I guess the point is moot if the guy has a French - Basque book to go with it, but that’s cheating
Or a copy of The Three Musketeers. I guess we’ll never find out whether he got the Batua dictionary (“unified,” the official, invented dialect), a Batua-otherdialect dictionary or a Batua-French dictionary, though, given that bengangmo isn’t sure of the reference. If it was the Batua dictionary it’s been heavily accused of over-Latinizing, so that’s actually a bunch of words he’d be able to figure out pretty fast.
A good question. I think it must be close to impossible. I’m a trained linguist and have worked out grammar systems from made-up languages as part of my coursework, but we were always given written sentences and partial dictionaries first.
I’ve also been immersed in a language I didn’t understand (Japanese) for many years, and for my first 4 or 5 years I watched only Japanese TV. You can pick up quite a bit by watching the action and memorizing the phrases. For example, when someone on the TV show walks into a shop that appears to have no staff present, you know what you’d say in English - something like “Hello! Anyone here?” and then you hear the actor say “Gomen kudasai” you can make a pretty good guess that these phrases are cognates. Not a perfect guess (see Grice on indeterminacy) but a pretty good one at least.
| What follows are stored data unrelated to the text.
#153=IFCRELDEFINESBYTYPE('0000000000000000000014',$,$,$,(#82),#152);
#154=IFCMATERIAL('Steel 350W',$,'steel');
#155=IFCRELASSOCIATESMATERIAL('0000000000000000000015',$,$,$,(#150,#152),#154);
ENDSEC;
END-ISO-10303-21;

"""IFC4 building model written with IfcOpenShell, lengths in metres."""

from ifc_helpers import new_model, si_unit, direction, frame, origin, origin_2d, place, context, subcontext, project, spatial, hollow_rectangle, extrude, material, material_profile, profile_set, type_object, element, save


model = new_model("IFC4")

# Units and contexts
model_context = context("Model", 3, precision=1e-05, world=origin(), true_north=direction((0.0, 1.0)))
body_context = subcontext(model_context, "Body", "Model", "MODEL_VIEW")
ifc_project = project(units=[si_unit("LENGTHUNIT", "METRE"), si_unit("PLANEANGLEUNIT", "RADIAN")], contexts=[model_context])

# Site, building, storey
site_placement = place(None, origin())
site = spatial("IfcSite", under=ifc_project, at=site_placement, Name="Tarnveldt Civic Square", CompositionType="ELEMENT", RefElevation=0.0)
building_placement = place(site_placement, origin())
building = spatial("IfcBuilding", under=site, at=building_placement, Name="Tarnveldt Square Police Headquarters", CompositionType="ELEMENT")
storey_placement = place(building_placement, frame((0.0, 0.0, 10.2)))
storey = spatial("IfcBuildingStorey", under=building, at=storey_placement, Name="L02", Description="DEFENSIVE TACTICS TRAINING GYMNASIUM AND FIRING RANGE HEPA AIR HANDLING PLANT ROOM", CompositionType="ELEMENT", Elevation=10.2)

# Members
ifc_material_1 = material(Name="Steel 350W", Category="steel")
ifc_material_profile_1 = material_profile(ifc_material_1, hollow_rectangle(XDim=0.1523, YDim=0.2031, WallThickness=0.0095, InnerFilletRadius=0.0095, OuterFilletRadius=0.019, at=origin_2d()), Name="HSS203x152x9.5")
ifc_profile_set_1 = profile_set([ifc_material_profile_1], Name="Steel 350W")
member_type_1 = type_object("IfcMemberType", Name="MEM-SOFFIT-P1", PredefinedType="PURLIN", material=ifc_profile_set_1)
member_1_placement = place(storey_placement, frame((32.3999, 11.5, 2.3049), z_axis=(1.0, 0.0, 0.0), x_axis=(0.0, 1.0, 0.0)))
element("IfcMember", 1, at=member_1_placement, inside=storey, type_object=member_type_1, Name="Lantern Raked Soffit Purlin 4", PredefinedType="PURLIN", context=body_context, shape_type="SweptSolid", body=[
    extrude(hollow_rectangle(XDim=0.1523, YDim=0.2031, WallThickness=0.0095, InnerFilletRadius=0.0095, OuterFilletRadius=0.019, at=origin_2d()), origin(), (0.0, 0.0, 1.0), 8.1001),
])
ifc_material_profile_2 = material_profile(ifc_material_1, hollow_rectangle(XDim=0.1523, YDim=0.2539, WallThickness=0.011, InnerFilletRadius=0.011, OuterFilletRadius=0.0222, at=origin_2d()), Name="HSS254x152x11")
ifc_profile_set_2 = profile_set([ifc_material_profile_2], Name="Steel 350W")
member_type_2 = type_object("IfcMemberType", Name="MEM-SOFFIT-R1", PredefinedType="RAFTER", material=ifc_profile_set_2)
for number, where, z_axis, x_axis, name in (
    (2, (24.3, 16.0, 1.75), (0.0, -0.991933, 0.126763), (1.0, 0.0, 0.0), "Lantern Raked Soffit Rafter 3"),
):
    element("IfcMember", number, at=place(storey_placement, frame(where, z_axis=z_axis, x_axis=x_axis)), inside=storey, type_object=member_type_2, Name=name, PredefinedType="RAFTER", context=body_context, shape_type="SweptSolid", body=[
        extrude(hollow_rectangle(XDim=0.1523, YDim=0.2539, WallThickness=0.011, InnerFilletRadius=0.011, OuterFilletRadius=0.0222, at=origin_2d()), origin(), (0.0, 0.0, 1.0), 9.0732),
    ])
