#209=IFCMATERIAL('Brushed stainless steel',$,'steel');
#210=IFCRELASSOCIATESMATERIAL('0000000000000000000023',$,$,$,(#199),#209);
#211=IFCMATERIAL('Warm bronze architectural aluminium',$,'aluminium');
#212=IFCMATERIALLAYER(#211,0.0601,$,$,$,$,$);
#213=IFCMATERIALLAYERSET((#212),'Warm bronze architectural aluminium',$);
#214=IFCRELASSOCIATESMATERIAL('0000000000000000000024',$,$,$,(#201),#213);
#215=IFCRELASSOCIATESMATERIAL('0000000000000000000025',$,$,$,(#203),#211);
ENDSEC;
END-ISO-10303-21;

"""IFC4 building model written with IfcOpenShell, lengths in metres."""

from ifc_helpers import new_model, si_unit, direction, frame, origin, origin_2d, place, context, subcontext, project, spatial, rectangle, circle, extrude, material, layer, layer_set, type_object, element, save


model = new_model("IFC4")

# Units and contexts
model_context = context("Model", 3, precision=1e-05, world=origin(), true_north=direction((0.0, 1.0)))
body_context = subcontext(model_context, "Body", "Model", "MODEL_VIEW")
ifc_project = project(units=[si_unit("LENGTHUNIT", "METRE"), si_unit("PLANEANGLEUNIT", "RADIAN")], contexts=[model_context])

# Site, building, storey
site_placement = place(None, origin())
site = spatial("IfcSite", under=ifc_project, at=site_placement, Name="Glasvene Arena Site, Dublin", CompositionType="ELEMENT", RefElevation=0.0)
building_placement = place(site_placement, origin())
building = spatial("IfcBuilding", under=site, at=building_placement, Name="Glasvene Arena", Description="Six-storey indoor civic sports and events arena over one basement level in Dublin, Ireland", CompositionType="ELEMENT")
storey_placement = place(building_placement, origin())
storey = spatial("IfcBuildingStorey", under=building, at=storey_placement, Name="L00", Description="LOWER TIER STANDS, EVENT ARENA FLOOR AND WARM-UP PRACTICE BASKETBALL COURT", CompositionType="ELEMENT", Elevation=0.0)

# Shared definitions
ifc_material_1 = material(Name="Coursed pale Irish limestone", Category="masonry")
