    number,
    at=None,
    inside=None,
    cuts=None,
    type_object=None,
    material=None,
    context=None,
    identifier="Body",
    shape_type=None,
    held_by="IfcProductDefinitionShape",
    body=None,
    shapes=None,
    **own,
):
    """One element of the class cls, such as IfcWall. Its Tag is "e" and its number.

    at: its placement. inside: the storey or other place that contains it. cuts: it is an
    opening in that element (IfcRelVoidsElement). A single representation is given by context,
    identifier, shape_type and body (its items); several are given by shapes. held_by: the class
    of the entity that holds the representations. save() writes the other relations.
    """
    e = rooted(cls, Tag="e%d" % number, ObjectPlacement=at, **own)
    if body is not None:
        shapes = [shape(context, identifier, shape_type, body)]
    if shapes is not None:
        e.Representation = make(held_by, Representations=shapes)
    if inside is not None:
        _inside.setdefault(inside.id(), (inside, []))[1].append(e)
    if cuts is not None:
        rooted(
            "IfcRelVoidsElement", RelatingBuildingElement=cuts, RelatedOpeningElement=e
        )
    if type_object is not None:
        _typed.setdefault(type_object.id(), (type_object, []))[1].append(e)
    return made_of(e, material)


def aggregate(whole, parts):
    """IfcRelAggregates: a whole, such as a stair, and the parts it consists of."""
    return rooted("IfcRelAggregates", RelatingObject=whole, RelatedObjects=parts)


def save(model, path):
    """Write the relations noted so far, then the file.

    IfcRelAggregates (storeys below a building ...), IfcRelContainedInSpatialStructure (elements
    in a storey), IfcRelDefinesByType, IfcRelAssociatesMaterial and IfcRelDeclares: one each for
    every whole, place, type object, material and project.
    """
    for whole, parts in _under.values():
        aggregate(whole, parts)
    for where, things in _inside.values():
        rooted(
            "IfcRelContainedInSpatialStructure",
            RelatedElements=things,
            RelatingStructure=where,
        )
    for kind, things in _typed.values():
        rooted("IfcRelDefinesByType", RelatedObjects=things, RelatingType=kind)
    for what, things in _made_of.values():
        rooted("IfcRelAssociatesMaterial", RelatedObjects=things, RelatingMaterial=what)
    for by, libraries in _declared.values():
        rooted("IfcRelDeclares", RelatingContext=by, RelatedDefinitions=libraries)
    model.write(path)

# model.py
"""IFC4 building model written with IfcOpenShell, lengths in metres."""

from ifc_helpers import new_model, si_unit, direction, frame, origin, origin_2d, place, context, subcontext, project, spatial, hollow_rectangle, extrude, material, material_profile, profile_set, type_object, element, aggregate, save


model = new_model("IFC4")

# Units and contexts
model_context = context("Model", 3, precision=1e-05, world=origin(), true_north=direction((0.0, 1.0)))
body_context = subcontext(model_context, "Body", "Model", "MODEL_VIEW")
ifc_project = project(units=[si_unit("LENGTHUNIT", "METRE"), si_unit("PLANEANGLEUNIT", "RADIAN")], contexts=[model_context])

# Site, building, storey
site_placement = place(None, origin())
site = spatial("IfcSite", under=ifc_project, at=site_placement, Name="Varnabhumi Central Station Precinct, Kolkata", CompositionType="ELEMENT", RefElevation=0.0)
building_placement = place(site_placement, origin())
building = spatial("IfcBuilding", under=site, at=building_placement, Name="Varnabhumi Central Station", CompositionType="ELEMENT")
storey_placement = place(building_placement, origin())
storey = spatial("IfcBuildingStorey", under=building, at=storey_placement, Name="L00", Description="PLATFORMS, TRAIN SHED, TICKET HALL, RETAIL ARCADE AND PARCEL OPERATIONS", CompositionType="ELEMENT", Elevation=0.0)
However, back to the problem at hand, here we are talking about listening to a radio transmission - the big hurdle here is that there are no visual context clues. You can’t see what people are doing so you have no frame of reference to begin. Having said that though, just listening to the sounds of speech again and again and again will eventually give you a better accent (when you finally get around to buying a textbook and learning the language). When I call shops or services here in Japan on the phone they don’t usually guess that I’m a foreigner.
Edit - I used the term “cognate” wrongly. Sorry, my English gets worse and worse every year. I meant something like “equivalents”.